Me too. Did some pretty serious retail therapy while, as the British say, abroad.
We are absolutely sequin waste deprived over here and when i saw some at a fantastic notions shop in front of Hags with Bags sculpture i went wild. Sequin waste, at last!
While there i also picked some iridescent sequins and millinery needles just in case.

A block or maybe less, up or down depending where you are walking from, there is an absolutely brilliant bead shop called The Yellow Brick Road . Their web page is nothing compared to what they offer in situ.
i'm not really a bead person but look at the ones at the bottom of the photo. Impossible to resist.

Then i found at one of the malls a heat gun!We're also heat gun deprived here.
Can read your minds- we have excellent produce, food, wines, cheese, climate...we even have computers( grin)
Went for the heat gun with the corresponding plug converter so that i could use it here.

The National Gallery not only houses a superb art collection, but also a great bookshop. Could not resist those two. But that's ok. Books are not shopping, but culture. They don't count.
What really counts is the vainity side in me that had to be gratified. Gowns and shoesies on which i am not going to elaborate. It will suffice to mention that a very stylish jacket-top was made of boiled wool. Plum boiled wool.

So, from now until Christmas i'm all set. End of shopping. FINITO.

neki desu

Monday, August 27, 2007

TAST32-34 crested chain stitch, Portugese stem stitch and scroll stitch

tast 32-34

Catching up with TAST. By the way SharonB has moved to here ,guess it was the spam that prompted the move, oi?

Being such a Lusophile silly me thought that i was going to have a ball with the Portuguese stitch, but no the real winner was scroll stitch. i could have done it forever.
i'll get to the Portuguese stem stitch bear with me.

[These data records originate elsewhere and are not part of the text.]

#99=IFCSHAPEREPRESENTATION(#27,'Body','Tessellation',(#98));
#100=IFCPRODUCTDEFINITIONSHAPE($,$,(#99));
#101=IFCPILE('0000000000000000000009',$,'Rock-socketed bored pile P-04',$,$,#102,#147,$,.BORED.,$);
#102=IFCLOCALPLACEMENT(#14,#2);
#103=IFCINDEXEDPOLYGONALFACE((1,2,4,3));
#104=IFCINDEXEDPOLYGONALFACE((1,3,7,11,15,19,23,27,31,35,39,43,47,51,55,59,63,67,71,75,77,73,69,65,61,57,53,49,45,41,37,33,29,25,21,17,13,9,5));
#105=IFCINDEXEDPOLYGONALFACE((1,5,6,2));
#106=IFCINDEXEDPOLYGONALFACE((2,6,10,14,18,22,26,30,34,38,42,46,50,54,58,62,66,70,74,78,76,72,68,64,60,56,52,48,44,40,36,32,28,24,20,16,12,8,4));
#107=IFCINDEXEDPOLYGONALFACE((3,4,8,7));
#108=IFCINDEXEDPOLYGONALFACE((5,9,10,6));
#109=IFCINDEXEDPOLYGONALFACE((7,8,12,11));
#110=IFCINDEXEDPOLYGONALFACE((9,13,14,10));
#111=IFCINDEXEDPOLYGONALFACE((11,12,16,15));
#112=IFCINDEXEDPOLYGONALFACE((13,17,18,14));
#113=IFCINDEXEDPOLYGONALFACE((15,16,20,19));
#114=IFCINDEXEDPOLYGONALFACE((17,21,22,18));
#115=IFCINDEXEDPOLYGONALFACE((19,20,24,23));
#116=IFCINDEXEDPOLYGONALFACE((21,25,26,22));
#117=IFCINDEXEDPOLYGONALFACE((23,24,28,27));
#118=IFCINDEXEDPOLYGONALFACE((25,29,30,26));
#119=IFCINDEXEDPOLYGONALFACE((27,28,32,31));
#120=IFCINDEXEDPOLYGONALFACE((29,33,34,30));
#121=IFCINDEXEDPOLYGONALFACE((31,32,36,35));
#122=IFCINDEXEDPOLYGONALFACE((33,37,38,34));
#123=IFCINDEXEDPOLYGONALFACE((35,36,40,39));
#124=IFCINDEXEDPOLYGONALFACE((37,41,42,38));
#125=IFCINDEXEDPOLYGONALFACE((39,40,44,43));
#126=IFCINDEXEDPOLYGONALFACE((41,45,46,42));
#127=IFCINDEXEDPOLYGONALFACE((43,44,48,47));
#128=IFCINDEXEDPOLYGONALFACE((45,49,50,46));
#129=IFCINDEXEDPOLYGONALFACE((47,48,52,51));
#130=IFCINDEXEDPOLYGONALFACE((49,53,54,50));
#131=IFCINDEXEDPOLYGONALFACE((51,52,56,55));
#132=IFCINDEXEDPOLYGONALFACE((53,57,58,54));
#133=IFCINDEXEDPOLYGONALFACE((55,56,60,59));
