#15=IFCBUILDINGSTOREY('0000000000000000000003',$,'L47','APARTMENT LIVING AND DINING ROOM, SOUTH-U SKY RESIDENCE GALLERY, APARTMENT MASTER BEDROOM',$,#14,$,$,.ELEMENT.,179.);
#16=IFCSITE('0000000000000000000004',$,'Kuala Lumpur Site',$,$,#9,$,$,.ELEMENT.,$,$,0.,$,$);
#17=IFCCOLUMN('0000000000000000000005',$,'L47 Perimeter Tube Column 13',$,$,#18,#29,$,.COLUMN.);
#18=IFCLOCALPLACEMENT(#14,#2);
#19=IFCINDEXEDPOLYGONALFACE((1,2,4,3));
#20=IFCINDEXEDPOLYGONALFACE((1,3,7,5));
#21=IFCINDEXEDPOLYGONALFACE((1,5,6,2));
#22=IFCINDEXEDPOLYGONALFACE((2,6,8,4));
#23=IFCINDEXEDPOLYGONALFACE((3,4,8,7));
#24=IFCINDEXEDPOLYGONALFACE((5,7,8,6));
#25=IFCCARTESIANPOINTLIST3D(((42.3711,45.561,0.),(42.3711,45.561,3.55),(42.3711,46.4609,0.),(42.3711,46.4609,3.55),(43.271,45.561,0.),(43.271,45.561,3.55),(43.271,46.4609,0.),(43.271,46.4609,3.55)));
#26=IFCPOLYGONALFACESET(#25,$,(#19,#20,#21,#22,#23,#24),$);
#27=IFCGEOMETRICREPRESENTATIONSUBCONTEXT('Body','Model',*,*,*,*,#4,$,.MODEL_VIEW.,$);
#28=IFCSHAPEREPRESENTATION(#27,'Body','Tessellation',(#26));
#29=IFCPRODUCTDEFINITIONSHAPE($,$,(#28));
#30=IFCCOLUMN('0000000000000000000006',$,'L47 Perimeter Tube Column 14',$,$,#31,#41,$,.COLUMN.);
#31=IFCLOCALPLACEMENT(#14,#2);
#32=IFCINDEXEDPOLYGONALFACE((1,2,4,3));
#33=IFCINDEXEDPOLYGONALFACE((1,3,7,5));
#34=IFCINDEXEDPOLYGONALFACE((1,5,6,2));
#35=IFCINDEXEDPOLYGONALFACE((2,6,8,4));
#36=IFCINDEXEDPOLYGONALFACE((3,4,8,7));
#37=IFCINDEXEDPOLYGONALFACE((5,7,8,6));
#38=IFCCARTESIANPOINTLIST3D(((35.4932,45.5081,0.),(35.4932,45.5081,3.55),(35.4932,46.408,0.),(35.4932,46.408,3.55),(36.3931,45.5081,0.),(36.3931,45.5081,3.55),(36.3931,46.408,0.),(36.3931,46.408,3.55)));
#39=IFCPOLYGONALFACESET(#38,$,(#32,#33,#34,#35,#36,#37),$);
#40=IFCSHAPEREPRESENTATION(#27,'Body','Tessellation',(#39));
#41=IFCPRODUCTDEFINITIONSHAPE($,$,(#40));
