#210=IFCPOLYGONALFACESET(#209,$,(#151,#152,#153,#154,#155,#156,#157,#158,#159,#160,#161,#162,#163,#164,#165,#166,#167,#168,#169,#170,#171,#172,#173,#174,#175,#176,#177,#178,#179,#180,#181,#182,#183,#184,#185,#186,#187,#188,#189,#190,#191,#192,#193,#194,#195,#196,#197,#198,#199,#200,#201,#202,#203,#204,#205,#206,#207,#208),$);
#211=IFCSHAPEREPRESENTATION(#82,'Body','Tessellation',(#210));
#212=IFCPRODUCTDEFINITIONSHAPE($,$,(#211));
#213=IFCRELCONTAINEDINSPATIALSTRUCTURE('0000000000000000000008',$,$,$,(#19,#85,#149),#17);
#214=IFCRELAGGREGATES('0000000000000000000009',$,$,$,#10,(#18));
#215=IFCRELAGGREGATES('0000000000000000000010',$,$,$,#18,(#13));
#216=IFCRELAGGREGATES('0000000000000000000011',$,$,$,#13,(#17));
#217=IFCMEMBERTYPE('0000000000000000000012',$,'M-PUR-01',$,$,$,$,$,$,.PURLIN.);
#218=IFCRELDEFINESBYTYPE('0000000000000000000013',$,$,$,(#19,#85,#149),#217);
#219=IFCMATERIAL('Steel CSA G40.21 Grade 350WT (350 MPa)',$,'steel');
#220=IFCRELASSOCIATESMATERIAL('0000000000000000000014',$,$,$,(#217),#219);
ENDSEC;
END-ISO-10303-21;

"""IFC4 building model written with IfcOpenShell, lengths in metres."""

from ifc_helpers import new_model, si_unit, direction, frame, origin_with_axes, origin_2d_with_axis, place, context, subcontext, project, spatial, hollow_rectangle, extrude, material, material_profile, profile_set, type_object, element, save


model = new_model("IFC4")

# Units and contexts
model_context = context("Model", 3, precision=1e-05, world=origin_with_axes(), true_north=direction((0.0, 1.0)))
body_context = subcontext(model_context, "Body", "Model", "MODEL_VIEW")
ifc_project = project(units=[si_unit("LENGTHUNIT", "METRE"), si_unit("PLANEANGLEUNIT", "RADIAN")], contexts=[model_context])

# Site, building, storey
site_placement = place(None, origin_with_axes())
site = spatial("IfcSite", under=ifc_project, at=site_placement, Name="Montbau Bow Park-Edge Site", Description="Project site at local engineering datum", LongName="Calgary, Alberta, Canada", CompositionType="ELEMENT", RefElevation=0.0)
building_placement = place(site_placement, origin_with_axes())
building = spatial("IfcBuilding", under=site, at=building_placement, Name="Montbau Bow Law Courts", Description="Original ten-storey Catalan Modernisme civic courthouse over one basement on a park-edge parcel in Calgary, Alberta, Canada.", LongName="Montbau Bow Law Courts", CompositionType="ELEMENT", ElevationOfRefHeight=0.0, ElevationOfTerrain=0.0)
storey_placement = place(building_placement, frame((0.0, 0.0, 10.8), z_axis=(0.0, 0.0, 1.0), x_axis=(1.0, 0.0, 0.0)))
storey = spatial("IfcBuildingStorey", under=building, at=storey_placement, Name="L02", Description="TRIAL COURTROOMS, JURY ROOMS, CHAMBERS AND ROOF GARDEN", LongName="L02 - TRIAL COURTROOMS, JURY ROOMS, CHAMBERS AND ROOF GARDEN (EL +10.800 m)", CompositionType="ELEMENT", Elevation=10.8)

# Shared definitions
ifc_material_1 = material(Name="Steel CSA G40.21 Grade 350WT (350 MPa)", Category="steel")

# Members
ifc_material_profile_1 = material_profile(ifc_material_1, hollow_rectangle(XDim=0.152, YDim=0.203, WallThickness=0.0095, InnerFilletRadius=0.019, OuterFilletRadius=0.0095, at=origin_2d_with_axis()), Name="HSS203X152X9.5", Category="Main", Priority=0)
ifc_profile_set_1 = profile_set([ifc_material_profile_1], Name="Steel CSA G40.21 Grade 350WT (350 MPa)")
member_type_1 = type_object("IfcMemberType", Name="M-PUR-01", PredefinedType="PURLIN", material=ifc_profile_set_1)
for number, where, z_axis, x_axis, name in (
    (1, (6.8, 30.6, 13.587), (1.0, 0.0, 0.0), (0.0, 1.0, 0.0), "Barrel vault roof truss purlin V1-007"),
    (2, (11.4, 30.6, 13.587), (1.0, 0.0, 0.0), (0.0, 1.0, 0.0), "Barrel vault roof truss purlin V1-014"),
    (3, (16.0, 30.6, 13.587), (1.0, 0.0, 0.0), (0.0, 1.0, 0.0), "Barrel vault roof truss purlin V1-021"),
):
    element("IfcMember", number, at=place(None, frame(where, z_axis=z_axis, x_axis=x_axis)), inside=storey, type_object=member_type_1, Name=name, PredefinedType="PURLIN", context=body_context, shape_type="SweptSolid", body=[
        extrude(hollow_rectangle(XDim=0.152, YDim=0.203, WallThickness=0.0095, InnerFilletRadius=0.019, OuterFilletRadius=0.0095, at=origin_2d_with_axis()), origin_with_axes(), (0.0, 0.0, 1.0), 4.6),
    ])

During the holidays we visited the Collin Barracks in Dublin where an impressive decorative arts museum is housed . Oh yes, that's where we were for the holidays, Dublin.

At the Barracks there was an awesome exhibit called The Way We Wear showing great dresses from the 17 hundreds on. Some of the dresses took the term embellish to a new dimension, so richly decorated with embroidery beads and metallic threads they were.
The fabrics alone were worth a whole chapter and the sewing details were intriguing and exquisitely carried out by hand.It was like the cliché phrase- oh that flower's so perfect it looks like plastic! You could clearly see how the industrial revolution changed fashion and workmanship and things have never been the same ever since, well with the exception of Balenciaga and a couple of other divine fools.

Shape and volume were created not only by crinolines and wiring but also by adding different sets of folds, pleats and tucks to the fabric without cutting it.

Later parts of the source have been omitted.